Limitations & Future Work¶
- The authors acknowledge that using a GRU as a prior may lead to information decay over extremely long horizons, though the primary contribution lies in the Bayesian correction framework itself. The GRU can be replaced by Transformers or Mamba.
- Self-identified limitations: (1) The memory length \(M=10\) is hardcoded and might vary across tasks; (2) The fixed \(\sigma_t > 0.5\) threshold might prevent saving anchors in early stages where model confidence is naturally low; (3) Experiments were confined to AirSim simulations, with no validation for real-world UAV visual noise or kinematic mismatches; (4) While the KDE equivalence is a theoretical highlight, the actual implementation is standard attention, potentially overstating the "incremental" theoretical contribution.
- Future directions: Making the write threshold \(\sigma_t\) learnable; applying contrastive loss to explicitly decouple the "prior-only" and "measurement-only" channels to further ensure independence (a prerequisite for optimal Kalman fusion).
Related Work & Insights¶
- vs TravelUAV / OpenVLN: These models use step-by-step waypoint regression without explicit correction, leading to inevitable drift over long horizons. This work adds a Bayesian correction loop over their existing backbones.
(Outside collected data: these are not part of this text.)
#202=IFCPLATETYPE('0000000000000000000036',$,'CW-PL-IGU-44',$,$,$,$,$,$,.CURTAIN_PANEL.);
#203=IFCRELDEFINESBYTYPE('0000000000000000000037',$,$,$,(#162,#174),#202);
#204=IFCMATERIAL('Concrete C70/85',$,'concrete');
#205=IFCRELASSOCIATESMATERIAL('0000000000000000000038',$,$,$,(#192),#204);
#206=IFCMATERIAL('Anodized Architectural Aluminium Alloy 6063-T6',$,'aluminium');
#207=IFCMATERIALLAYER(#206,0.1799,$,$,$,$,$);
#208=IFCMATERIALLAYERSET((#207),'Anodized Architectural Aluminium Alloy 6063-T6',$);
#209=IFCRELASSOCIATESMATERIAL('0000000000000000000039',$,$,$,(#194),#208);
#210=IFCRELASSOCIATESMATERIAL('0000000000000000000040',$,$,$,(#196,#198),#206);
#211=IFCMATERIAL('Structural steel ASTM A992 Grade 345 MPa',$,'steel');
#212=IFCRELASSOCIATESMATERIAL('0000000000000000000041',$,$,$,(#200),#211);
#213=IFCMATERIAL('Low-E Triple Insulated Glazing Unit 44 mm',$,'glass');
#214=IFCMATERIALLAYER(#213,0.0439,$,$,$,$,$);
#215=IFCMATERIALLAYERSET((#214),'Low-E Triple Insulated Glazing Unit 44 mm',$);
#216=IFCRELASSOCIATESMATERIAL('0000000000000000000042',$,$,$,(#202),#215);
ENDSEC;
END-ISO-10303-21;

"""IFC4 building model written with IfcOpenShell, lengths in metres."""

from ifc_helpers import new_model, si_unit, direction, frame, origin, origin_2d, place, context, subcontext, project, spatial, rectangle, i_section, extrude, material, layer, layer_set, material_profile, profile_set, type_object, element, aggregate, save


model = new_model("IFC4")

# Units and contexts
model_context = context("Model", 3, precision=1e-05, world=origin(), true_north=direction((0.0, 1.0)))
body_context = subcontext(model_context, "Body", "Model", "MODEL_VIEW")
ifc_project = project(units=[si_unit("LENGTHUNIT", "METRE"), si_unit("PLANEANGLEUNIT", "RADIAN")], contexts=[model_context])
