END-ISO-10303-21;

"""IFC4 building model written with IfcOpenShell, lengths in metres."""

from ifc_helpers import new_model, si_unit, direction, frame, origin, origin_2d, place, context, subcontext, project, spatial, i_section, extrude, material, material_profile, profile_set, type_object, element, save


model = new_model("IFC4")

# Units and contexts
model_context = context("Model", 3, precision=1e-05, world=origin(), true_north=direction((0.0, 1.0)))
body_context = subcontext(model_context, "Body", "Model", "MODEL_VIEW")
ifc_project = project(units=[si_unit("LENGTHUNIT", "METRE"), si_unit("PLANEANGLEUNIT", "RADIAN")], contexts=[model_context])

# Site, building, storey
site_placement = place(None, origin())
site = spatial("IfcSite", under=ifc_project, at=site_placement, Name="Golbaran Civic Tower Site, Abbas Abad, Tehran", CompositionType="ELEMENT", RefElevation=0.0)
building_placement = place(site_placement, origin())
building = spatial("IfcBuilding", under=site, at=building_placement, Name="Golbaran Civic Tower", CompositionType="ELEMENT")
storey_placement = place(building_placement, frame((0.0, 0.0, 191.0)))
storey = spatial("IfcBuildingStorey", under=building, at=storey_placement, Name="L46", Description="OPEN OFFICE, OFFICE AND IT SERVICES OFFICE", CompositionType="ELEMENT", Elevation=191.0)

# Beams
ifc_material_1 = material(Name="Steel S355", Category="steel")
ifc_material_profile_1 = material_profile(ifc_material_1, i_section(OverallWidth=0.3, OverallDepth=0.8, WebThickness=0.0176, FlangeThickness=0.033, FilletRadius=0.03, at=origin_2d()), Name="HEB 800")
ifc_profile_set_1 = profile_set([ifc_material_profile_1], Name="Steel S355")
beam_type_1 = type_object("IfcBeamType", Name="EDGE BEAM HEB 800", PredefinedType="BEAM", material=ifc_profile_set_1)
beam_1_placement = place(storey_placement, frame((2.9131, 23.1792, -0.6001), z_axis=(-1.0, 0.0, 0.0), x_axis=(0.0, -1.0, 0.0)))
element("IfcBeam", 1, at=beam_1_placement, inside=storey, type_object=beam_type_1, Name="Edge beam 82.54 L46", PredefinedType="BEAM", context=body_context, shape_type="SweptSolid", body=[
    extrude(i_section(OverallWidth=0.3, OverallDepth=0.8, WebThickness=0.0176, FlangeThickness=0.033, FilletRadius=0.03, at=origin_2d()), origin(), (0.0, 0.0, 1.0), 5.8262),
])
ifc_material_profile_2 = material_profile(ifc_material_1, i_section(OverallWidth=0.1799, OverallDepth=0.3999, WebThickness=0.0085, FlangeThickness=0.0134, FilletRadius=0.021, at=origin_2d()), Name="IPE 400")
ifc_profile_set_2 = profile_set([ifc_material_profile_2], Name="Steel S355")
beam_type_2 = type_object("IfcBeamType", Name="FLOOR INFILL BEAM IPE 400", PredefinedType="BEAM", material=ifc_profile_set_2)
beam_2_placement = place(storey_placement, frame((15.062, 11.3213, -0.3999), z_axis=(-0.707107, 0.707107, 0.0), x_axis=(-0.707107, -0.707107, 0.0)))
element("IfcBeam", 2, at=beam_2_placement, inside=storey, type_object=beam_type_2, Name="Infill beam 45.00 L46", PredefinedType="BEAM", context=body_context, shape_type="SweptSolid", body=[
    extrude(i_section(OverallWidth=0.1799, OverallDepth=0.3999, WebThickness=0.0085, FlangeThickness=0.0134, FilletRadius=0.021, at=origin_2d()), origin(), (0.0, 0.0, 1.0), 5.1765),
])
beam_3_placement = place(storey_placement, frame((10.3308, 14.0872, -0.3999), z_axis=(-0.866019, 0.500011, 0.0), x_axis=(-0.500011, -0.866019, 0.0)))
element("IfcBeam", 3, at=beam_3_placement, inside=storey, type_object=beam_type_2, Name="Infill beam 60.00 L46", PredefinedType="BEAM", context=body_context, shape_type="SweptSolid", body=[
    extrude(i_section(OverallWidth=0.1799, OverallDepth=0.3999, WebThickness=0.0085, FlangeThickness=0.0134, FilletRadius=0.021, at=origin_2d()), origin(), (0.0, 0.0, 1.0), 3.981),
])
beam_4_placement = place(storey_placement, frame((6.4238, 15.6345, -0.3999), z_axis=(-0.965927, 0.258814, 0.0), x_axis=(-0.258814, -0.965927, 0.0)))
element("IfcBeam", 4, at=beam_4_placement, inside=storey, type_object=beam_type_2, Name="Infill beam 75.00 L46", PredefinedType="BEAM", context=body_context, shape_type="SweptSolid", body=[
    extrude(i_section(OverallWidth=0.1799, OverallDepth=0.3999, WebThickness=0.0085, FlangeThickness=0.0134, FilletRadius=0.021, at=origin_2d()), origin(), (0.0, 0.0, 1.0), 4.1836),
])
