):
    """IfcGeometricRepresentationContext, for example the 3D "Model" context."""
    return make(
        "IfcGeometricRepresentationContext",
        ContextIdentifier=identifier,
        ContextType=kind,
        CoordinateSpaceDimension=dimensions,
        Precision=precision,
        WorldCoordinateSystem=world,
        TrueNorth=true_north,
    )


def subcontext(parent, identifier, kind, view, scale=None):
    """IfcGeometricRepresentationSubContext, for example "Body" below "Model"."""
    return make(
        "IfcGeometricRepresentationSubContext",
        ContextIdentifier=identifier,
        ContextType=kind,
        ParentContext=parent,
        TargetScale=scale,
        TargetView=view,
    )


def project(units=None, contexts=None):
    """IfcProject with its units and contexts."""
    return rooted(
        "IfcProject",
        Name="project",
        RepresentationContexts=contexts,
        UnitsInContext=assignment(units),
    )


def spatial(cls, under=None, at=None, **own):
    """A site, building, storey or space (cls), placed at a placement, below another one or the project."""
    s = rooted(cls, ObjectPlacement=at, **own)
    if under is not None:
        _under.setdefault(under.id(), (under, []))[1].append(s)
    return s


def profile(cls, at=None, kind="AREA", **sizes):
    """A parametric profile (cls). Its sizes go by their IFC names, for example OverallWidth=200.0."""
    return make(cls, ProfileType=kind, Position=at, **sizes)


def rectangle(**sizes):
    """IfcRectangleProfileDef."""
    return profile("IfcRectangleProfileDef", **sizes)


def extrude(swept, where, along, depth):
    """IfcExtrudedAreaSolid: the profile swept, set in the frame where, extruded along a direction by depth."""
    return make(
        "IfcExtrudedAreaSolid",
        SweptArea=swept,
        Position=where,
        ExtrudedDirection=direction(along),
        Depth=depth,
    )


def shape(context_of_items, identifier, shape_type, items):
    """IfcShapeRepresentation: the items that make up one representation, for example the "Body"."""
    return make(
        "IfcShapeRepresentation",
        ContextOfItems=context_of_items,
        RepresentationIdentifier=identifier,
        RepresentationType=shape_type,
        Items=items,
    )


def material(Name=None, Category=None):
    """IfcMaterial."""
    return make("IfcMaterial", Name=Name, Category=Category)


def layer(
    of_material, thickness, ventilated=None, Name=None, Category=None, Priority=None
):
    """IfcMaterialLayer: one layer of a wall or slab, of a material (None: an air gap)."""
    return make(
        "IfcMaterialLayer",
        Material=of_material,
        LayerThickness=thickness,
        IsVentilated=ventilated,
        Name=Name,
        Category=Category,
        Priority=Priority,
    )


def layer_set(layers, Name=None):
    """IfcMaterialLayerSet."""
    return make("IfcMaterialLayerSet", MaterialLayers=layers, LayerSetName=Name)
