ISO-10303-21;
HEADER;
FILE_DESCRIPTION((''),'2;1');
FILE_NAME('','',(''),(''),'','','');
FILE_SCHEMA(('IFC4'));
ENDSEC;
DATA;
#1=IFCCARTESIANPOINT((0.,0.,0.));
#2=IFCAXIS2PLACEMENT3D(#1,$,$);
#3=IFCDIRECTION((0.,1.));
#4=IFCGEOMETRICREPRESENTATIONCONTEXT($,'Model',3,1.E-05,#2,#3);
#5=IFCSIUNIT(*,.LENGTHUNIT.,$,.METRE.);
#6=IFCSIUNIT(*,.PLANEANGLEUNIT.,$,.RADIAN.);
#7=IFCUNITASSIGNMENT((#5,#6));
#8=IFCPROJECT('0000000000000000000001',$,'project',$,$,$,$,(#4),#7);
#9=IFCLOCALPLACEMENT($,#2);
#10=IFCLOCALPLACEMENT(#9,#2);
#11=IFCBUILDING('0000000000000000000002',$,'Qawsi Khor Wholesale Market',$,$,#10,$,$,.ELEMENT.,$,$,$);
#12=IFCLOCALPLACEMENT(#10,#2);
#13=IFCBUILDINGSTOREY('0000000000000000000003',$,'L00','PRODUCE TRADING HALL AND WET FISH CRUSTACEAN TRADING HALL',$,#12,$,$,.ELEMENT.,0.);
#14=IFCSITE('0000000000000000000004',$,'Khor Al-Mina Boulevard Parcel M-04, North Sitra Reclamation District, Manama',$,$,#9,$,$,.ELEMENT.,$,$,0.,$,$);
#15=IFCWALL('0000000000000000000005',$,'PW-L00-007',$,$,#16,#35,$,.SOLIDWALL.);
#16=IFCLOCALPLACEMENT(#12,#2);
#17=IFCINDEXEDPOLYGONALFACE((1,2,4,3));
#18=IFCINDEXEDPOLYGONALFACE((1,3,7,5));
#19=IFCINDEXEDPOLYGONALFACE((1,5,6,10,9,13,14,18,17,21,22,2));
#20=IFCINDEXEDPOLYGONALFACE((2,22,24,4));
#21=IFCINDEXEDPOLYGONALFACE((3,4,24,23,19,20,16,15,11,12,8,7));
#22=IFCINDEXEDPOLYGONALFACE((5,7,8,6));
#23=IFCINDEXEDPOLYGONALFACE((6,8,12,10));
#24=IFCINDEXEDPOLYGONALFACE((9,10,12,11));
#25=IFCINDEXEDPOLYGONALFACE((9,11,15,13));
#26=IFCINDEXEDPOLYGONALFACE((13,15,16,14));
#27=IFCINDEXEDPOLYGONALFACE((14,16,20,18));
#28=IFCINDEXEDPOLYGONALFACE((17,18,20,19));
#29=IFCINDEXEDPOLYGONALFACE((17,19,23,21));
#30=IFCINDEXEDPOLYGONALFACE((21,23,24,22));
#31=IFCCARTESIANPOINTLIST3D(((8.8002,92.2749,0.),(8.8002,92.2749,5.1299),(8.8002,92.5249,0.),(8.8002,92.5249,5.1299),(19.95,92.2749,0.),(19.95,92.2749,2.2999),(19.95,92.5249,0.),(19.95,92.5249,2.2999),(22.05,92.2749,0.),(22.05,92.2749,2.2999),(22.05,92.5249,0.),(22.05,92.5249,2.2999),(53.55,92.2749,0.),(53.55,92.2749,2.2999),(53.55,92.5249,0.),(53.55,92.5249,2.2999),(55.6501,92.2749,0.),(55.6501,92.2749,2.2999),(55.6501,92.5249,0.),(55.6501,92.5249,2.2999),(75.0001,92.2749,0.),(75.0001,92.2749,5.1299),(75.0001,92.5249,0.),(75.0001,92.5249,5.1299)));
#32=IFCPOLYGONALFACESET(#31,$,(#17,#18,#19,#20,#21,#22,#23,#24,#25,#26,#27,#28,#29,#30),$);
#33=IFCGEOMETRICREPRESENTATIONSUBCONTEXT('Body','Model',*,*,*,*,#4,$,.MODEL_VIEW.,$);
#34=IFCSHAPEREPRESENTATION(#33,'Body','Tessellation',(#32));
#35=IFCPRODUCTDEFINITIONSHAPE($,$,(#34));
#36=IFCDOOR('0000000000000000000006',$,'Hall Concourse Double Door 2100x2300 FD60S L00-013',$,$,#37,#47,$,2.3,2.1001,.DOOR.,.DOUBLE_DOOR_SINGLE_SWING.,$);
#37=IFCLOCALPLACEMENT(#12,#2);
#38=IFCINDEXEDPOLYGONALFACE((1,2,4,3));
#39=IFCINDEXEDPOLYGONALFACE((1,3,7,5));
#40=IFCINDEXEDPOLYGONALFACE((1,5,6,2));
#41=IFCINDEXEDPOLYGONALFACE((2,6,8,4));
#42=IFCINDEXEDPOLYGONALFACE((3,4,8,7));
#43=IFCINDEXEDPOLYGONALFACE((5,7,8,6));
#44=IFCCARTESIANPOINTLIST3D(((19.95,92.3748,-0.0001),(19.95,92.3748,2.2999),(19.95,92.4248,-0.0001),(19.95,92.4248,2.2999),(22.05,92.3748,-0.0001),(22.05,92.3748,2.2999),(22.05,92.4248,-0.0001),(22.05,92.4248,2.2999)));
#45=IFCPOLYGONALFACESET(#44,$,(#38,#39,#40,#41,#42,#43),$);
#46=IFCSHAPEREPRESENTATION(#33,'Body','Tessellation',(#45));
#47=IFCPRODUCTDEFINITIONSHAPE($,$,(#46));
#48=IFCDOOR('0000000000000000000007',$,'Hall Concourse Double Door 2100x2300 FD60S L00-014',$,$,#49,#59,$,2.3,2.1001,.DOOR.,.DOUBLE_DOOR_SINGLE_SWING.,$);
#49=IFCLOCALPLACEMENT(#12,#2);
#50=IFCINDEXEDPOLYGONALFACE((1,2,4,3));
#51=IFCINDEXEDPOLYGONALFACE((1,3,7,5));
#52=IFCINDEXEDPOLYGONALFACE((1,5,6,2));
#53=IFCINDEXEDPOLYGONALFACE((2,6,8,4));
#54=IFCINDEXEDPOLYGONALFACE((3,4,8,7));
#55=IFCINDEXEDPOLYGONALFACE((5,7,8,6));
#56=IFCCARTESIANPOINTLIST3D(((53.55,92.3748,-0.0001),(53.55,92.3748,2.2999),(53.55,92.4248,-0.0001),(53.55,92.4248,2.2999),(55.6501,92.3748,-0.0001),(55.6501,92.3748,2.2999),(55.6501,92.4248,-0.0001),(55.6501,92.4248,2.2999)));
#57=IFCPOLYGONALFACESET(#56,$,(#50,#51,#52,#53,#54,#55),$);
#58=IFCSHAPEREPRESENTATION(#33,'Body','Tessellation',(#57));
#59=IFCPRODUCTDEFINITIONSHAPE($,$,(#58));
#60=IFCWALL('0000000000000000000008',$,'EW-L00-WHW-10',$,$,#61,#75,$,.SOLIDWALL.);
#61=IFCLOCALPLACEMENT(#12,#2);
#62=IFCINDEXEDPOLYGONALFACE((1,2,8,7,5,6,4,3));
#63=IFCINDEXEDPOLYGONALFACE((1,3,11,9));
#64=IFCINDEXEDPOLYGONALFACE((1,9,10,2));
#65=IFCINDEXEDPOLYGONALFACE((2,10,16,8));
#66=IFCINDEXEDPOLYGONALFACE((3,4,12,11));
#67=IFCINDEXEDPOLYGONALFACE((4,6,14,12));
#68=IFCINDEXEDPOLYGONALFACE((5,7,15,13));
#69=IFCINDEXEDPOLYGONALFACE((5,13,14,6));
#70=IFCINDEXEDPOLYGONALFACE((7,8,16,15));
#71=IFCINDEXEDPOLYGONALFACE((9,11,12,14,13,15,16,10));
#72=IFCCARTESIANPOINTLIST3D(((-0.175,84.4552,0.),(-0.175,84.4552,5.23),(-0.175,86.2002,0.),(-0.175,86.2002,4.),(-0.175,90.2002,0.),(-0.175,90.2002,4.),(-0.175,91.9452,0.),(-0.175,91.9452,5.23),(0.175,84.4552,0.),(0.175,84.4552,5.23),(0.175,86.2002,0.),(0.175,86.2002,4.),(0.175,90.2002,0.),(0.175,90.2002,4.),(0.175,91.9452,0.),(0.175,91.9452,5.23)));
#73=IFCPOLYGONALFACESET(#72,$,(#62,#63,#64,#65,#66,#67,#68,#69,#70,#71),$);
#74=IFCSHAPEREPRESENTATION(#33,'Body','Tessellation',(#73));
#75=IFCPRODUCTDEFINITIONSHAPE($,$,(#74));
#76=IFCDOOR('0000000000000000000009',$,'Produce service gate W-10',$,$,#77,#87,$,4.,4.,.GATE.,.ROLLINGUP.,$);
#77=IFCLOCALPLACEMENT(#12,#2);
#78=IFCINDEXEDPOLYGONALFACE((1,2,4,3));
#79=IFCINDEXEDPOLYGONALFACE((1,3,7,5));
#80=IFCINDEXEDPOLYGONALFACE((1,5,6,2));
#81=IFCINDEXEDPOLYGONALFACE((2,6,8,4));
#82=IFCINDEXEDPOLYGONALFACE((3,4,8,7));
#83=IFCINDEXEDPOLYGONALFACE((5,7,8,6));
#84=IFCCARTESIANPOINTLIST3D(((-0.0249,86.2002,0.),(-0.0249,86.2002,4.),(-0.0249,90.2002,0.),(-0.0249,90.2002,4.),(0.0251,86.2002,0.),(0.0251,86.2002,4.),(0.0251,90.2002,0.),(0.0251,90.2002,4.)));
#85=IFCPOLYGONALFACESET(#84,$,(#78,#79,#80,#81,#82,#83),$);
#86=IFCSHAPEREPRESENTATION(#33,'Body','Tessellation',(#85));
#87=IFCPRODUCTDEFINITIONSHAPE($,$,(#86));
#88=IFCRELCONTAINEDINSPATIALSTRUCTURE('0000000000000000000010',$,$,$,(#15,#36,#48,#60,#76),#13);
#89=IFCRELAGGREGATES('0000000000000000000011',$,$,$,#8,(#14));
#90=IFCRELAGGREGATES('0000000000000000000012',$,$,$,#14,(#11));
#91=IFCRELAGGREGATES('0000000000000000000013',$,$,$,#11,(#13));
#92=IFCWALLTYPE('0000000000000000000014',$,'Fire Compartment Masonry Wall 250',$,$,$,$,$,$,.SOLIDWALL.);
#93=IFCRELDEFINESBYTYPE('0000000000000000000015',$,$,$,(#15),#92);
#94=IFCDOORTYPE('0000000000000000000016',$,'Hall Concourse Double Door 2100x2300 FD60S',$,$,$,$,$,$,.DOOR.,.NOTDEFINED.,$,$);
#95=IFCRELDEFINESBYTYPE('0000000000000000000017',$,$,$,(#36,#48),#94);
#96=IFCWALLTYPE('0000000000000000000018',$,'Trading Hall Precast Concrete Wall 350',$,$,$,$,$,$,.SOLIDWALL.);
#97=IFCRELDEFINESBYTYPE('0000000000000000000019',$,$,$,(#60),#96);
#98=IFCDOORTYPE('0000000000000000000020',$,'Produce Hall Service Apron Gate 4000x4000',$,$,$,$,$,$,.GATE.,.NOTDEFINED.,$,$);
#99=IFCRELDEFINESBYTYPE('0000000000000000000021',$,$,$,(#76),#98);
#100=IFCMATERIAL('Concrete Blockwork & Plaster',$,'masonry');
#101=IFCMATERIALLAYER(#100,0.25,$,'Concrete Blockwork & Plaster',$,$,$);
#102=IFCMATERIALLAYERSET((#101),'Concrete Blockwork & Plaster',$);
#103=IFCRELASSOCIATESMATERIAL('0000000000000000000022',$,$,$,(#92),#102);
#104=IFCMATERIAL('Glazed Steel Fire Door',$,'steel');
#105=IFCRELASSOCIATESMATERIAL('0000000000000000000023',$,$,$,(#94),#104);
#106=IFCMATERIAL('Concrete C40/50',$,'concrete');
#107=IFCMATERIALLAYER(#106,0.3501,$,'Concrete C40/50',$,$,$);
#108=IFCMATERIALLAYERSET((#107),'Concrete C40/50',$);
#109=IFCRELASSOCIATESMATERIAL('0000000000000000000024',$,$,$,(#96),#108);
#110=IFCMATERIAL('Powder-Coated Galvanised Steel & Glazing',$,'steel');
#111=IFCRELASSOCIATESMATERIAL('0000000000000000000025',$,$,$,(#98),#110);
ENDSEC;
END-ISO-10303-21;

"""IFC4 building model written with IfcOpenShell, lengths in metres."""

from ifc_helpers import new_model, si_unit, direction, frame, frame_2d, origin, place, context, subcontext, project, spatial, rectangle, extrude, material, layer, layer_set, type_object, element, fill, save


model = new_model("IFC4")

# Units and contexts
model_context = context("Model", 3, precision=1e-05, world=origin(), true_north=direction((0.0, 1.0)))
body_context = subcontext(model_context, "Body", "Model", "MODEL_VIEW")
ifc_project = project(units=[si_unit("LENGTHUNIT", "METRE"), si_unit("PLANEANGLEUNIT", "RADIAN")], contexts=[model_context])

# Site, building, storey
site_placement = place(None, origin())
site = spatial("IfcSite", under=ifc_project, at=site_placement, Name="Khor Al-Mina Boulevard Parcel M-04, North Sitra Reclamation District, Manama", CompositionType="ELEMENT", RefElevation=0.0)
building_placement = place(site_placement, origin())
building = spatial("IfcBuilding", under=site, at=building_placement, Name="Qawsi Khor Wholesale Market", CompositionType="ELEMENT")
storey_placement = place(building_placement, origin())
storey = spatial("IfcBuildingStorey", under=building, at=storey_placement, Name="L00", Description="PRODUCE TRADING HALL AND WET FISH CRUSTACEAN TRADING HALL", CompositionType="ELEMENT", Elevation=0.0)

# Shared definitions
ifc_material_1 = material(Name="Concrete C40/50", Category="concrete")

# Wall, openings, doors
ifc_material_2 = material(Name="Concrete Blockwork & Plaster", Category="masonry")
ifc_layer_1 = layer(ifc_material_2, 0.25, Name="Concrete Blockwork & Plaster")
ifc_layer_set_1 = layer_set([ifc_layer_1], Name="Concrete Blockwork & Plaster")
wall_type_1 = type_object("IfcWallType", Name="Fire Compartment Masonry Wall 250", PredefinedType="SOLIDWALL", material=ifc_layer_set_1)
wall_1_placement = place(storey_placement, frame((8.8, 92.3999, 0.0), z_axis=(0.0, 0.0, 1.0), x_axis=(1.0, 0.0, 0.0)))
wall_1 = element("IfcWall", 1, at=wall_1_placement, inside=storey, type_object=wall_type_1, Name="PW-L00-007", PredefinedType="SOLIDWALL", context=body_context, shape_type="SweptSolid", body=[
    extrude(rectangle(XDim=66.2, YDim=0.25, at=frame_2d((33.1001, 0.0))), origin(), (0.0, 0.0, 1.0), 5.1299),
])
opening_1_placement = place(wall_1_placement, frame((11.1499, 0.0, 0.0)))
opening_1 = element("IfcOpeningElement", 2, at=opening_1_placement, cuts=wall_1, PredefinedType="OPENING", context=body_context, shape_type="SweptSolid", body=[
    extrude(rectangle(XDim=2.1001, YDim=2.3, at=frame_2d((1.05, 1.1499))), frame((0.0, 0.135, 0.0), z_axis=(0.0, -1.0, 0.0), x_axis=(1.0, 0.0, 0.0)), (0.0, 0.0, 1.0), 0.27),
])
opening_2_placement = place(wall_1_placement, frame((44.75, 0.0, 0.0)))
opening_2 = element("IfcOpeningElement", 3, at=opening_2_placement, cuts=wall_1, PredefinedType="OPENING", context=body_context, shape_type="SweptSolid", body=[
    extrude(rectangle(XDim=2.1001, YDim=2.3, at=frame_2d((1.05, 1.1499))), frame((0.0, 0.135, 0.0), z_axis=(0.0, -1.0, 0.0), x_axis=(1.0, 0.0, 0.0)), (0.0, 0.0, 1.0), 0.27),
])
ifc_material_3 = material(Name="Glazed Steel Fire Door", Category="steel")
door_type_1 = type_object("IfcDoorType", Name="Hall Concourse Double Door 2100x2300 FD60S", OperationType="NOTDEFINED", PredefinedType="DOOR", material=ifc_material_3)
door_1_placement = place(opening_1_placement, origin())
door_1 = element("IfcDoor", 4, at=door_1_placement, inside=storey, type_object=door_type_1, Name="Hall Concourse Double Door 2100x2300 FD60S L00-013", OperationType="DOUBLE_DOOR_SINGLE_SWING", OverallHeight=2.3, OverallWidth=2.1001, PredefinedType="DOOR", context=body_context, shape_type="SweptSolid", body=[
    extrude(rectangle(XDim=2.1001, YDim=2.3, at=frame_2d((1.05, 1.1499))), frame((0.0, 0.0249, 0.0), z_axis=(0.0, -1.0, 0.0), x_axis=(1.0, 0.0, 0.0)), (0.0, 0.0, 1.0), 0.05),
])
fill(opening_1, door_1)
door_2_placement = place(opening_2_placement, origin())
door_2 = element("IfcDoor", 5, at=door_2_placement, inside=storey, type_object=door_type_1, Name="Hall Concourse Double Door 2100x2300 FD60S L00-014", OperationType="DOUBLE_DOOR_SINGLE_SWING", OverallHeight=2.3, OverallWidth=2.1001, PredefinedType="DOOR", context=body_context, shape_type="SweptSolid", body=[
    extrude(rectangle(XDim=2.1001, YDim=2.3, at=frame_2d((1.05, 1.1499))), frame((0.0, 0.0249, 0.0), z_axis=(0.0, -1.0, 0.0), x_axis=(1.0, 0.0, 0.0)), (0.0, 0.0, 1.0), 0.05),
])
fill(opening_2, door_2)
- vs MapNet / SkyVLN / OpenFly: These topological memory approaches treat memory as a "passive buffer" for feature concatenation. This work treats memory as "probabilistic evidence" for Bayesian fusion, shifting the paradigm from "passive aggregation" to "active correction."
- vs FEEDTTA / FSTTA: These TTA methods rely on online gradient updates to combat distribution shift, which can be unstable in VLN due to lack of reliable supervision. NeuroKalman corrects the belief state without weight updates, making it more robust.
- vs KalmanNet / Backprop-KF: These deep Bayesian filters excel at learning transitions but struggle to define likelihood in high-dimensional visual space. This work solves the likelihood problem using KDE-attention, providing a high-dimensional vision version of deep filtering.
Rating¶
- Novelty: ⭐⭐⭐⭐ The "attention = KDE likelihood" equivalence and porting the full Kalman prediction-update loop into VLN latent space offer a clean, theoretically grounded perspective.
- Experimental Thoroughness: ⭐⭐⭐⭐ Inclusion of Seen/Unseen-Map/Unseen-Object splits, multiple instruction levels, drift visualization, and extensive ablations, although limited to a single benchmark (TravelUAV).
- Writing Quality: ⭐⭐⭐⭐ The derivation from Bayesian framework to KDE equivalence to architectural implementation is very clear.
- Value: ⭐⭐⭐⭐ Provides significant gains for real-world VLN pain points (long horizons, low data) and the method is generalizable to other sequential decision tasks involving priors and retrieval.